All demands on my time, all things I felt like I should do.
The next thing we do is to put all those actions in the list into categories (in brackets). This is the result:
(Me) Actions that I did for me – 17
(Else) Actions I did for someone else (not considered direct childcare) – 9
(CC) Actions associated with childcare – 23
(Dom) Actions that are considered domestic duties – 13
(Work) Actions solely for work (employed or own business) – 9
If I analyse that a little more closely, I can see that six of the (Me) actions were what I’d consider to be essential self-care e.g eating, showering, getting dressed (hardly fulfilling).
Of the others, only two – the 10 minutes tea break and chatting with family members – were what I would call pleasurable. Even the 1 hour 15 mins in the evening was unfulfilling as I sat like a zombie staring at crap TV (I probably wouldn’t even have been able to tell you what it was I watched the next morning!)
Searching for Mothers’ day gifts would have been nice to start with but I can say with 100% certainty that I wouldn’t have found on that initial search what I wanted to buy so it wasn’t a productive or fulfilling use of my time either.
So what do we do about it?
How do we unbecome Superwoman?
I don’t want to be her!
But I can’t see anything on the list that is removable.

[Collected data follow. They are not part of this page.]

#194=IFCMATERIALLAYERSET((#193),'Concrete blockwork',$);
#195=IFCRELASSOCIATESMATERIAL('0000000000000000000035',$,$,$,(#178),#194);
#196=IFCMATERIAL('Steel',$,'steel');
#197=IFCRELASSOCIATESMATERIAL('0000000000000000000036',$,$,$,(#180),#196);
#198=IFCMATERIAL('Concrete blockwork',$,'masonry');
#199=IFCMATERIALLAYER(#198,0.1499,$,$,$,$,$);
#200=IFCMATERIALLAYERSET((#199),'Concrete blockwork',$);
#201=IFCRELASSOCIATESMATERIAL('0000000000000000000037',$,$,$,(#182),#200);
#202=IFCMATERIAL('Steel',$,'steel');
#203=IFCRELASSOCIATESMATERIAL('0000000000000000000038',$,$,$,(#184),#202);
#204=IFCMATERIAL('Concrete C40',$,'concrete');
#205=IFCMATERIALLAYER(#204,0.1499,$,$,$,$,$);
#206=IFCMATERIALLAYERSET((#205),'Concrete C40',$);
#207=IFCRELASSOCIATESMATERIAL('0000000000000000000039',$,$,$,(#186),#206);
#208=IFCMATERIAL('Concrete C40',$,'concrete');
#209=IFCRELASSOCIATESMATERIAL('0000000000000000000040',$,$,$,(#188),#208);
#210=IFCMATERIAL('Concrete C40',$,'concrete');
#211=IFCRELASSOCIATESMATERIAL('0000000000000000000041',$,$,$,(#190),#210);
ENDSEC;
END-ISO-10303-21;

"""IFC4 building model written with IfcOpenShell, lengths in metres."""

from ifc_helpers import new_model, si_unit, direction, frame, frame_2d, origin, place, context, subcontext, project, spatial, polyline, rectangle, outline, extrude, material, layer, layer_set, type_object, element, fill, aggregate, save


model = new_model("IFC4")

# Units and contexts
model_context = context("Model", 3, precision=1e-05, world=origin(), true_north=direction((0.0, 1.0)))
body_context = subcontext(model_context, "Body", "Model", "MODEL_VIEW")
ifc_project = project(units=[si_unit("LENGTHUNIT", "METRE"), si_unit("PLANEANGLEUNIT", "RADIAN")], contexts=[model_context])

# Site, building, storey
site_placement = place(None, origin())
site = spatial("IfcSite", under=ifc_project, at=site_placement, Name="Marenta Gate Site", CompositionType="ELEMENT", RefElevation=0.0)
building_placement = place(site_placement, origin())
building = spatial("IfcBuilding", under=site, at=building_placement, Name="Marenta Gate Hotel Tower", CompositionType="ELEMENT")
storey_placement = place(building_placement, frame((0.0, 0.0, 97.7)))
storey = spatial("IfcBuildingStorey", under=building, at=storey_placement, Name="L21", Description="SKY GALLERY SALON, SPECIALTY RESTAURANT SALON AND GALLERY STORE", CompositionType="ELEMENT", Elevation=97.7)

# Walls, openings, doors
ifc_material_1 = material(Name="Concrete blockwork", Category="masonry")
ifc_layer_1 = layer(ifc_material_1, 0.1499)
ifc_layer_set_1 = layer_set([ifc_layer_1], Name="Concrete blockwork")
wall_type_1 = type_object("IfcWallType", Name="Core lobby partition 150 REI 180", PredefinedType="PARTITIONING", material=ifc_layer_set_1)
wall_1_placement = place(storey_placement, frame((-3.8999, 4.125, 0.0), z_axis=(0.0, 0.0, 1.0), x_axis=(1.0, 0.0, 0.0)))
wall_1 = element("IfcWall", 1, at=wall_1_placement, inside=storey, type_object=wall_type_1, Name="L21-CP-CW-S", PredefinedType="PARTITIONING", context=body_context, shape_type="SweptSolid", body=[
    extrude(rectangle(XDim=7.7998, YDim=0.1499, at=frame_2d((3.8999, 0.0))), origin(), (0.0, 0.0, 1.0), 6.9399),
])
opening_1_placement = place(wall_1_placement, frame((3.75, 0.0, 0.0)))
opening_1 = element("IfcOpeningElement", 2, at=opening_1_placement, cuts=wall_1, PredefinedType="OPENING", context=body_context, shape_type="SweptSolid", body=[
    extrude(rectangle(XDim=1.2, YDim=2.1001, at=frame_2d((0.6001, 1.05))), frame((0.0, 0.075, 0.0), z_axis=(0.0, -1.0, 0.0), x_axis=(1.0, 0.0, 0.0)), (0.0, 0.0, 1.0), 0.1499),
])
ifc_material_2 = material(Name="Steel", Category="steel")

I’m also acutely aware that I don’t have a super-heroine power to add another hour or two into my day.
Well, I found that list of my day really useful to see just what it is that I am doing, largely on auto-pilot, and what actions could be reasonably re-distributed.
It also helps me to see if small tweaks to a routine could help.
I realised there were several actions that I could immediately delegate to the kids, namely:
- folding up the clean washing
- clearing the dinner table and putting away dry breakfast pots
- opening their own curtains in a morning
- picking up their own dirty washing and putting it in the laundry
- Preparing their own FAVE (also teaching them about healthy food choices)
- get clothes for the next day ready on the evening before
And to my partner:
- making his own supper snack
- making our bed in a morning
To be fair though, if I repeated this on a different day, it would show that he does share heaps of the childcare actions and a few of the domestic ones too.
I looked at how I could maybe do things a bit differently that would help ease the morning stress.
I can hear some of you shouting at me for making my partner’s pack up lunch and I did question this, but as I’m there doing mine & the kids’ anyway, making 2 extra sandwiches doesn’t really bother me. He cooks 99% of the main dinners so I feel that’s a good balance.
But I did decide to:
- try prepping most of the next day’s lunches the night before, which was a game changer! However this does rely on the ‘partner supper’ bit above happening to free up some of my evening time 😉
- create a new habit for me and the kids of getting our clothes for the next day ready on the evening before
To get rid of the feeling of wasting time being unfulfilled
- I made a pledge to myself not to sit through uninspiring TV just because it was the best of a bad bunch that was on.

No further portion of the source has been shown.